---
title: "Example 1: Using SEAGLE with .txt Input Files"
output: rmarkdown::html_vignette
vignette: >
  %\VignetteIndexEntry{example1}
  %\VignetteEngine{knitr::rmarkdown}
  %\VignetteEncoding{UTF-8}
---

This tutorial demonstrates how to use the `SEAGLE` package when the user inputs ${\bf y}$, ${\bf X}$, ${\bf E}$, and ${\bf G}$ from .txt files.  We'll begin by loading the `SEAGLE` package.

```{r, include = FALSE}
knitr::opts_chunk$set(
  collapse = TRUE,
  comment = "#>"
)
```

```{r setup}
library(SEAGLE)
```

If you have your own files ready to read in for ${\bf y}$, ${\bf X}$, ${\bf E}$, and ${\bf G}$, you can read them into R using the `read.csv()` command.

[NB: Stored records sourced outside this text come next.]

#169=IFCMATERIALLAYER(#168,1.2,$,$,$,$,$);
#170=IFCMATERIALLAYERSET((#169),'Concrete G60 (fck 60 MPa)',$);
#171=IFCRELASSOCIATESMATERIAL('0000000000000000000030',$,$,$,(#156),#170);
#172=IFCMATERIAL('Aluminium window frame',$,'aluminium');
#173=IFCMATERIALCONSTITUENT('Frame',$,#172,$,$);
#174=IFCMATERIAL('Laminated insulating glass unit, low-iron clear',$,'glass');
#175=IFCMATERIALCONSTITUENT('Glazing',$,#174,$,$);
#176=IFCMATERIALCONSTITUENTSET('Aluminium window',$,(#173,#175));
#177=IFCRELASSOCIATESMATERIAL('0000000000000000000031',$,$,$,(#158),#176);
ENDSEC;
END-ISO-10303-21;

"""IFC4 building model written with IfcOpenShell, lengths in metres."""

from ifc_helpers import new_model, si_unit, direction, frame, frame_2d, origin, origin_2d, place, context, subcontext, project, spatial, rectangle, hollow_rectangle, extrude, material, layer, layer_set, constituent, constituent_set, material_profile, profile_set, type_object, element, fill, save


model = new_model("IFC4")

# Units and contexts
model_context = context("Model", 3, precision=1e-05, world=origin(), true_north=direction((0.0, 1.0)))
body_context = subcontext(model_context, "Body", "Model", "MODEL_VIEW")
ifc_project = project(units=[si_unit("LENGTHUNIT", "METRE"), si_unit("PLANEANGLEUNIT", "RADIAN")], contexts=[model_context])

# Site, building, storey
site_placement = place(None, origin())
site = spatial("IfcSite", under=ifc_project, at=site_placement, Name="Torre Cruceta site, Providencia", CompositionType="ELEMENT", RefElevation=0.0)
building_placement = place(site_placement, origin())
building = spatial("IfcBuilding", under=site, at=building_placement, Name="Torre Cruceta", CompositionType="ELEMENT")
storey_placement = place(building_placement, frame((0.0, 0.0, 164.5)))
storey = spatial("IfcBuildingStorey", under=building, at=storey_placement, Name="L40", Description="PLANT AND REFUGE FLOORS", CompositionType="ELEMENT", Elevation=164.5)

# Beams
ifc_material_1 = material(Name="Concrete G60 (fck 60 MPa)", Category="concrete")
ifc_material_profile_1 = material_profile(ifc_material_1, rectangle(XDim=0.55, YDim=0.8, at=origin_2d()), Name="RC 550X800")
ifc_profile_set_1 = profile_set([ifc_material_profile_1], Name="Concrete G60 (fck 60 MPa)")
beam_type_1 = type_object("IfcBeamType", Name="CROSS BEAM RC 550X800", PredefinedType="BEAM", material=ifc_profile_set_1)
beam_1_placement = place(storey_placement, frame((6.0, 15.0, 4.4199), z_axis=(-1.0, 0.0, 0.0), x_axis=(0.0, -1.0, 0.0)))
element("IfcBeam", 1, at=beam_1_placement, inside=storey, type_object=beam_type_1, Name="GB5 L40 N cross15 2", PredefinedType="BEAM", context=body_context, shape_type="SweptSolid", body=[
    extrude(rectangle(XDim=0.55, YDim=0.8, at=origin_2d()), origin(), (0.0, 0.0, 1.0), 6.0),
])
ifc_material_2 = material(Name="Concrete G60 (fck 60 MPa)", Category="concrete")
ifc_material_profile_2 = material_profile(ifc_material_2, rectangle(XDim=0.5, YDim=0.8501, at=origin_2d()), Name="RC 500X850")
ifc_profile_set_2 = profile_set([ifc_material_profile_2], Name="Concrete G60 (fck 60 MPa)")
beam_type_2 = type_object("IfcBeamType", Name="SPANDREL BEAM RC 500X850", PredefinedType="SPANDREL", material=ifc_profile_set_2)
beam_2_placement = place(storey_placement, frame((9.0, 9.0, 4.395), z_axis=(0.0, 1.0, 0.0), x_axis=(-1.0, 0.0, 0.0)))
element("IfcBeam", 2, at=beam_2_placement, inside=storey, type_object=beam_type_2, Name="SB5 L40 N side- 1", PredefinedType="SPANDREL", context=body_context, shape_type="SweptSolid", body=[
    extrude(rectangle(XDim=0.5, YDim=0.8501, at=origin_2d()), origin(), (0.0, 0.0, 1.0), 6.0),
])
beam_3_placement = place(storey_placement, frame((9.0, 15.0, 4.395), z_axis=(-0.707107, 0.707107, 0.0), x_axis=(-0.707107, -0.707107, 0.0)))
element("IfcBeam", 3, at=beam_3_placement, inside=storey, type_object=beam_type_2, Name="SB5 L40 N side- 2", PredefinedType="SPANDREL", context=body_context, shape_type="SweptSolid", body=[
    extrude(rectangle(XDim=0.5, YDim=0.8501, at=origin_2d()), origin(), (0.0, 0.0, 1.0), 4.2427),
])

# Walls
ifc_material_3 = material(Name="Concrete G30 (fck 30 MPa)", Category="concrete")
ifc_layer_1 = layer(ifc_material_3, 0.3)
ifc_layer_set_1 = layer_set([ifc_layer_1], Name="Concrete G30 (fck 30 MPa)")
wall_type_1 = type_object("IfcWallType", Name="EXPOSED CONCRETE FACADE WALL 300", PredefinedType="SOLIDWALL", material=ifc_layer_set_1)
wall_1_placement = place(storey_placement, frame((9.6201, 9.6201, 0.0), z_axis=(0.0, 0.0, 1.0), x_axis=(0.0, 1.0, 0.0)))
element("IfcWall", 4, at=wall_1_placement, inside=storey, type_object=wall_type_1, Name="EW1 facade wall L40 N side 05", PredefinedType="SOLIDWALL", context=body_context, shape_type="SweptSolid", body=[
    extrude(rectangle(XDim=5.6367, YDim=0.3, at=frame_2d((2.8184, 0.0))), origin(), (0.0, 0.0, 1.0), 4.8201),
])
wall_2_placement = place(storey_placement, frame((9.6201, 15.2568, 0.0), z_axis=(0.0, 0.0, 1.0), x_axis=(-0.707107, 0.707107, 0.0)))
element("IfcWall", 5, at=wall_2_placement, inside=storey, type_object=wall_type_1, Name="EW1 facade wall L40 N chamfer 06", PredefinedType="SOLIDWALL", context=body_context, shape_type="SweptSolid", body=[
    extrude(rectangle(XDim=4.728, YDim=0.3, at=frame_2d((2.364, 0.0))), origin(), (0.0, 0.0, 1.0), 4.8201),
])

As an example, we've included `y.txt`, `X.txt`, `E.txt`, and `G.txt` files in the `extdata` folder of this package.  The following code loads those files into R so we can use them in this tutorial.

```{r}
y_loc <- system.file("extdata", "y.txt", package = "SEAGLE")
y <- as.numeric(unlist(read.csv(y_loc)))

X_loc <- system.file("extdata", "X.txt", package = "SEAGLE")
X <- as.matrix(read.csv(X_loc))

E_loc <- system.file("extdata", "E.txt", package = "SEAGLE")
E <- as.numeric(unlist(read.csv(E_loc)))

G_loc <- system.file("extdata", "G.txt", package = "SEAGLE")
G <- as.matrix(read.csv(G_loc))
```

Now we can input ${\bf y}$, ${\bf X}$, ${\bf E}$, and ${\bf G}$ into the `prep.SEAGLE` function.  The `intercept = 1` parameter indicates that the first column of ${\bf X}$ is the all ones vector for the intercept.

This preparation procedure formats the input data for the `SEAGLE` function by checking the dimensions of the input data.  It also pre-computes a QR decomposition for $\widetilde{\bf X} = \begin{pmatrix} {\bf 1}_{n} & {\bf X} & {\bf E} \end{pmatrix}$, where ${\bf 1}_{n}$ denotes the all ones vector of length $n$.

```{r}
objSEAGLE <- prep.SEAGLE(y=as.matrix(y), X=X, intercept=1, E=E, G=G)
```

Finally, we'll input the prepared data into the `SEAGLE` function to compute the score-like test statistic $T$ and its corresponding p-value.  The `init.tau` and `init.sigma` parameters are the initial values for $\tau$ and $\sigma$ employed in the REML EM algorithm.

```{r}
res <- SEAGLE(objSEAGLE, init.tau=0.5, init.sigma=0.5)
res$T
res$pv
```

The score-like test statistic $T$ for the G$\times$E effect and its corresponding p-value can be found in `res$T` and `res$pv`, respectively.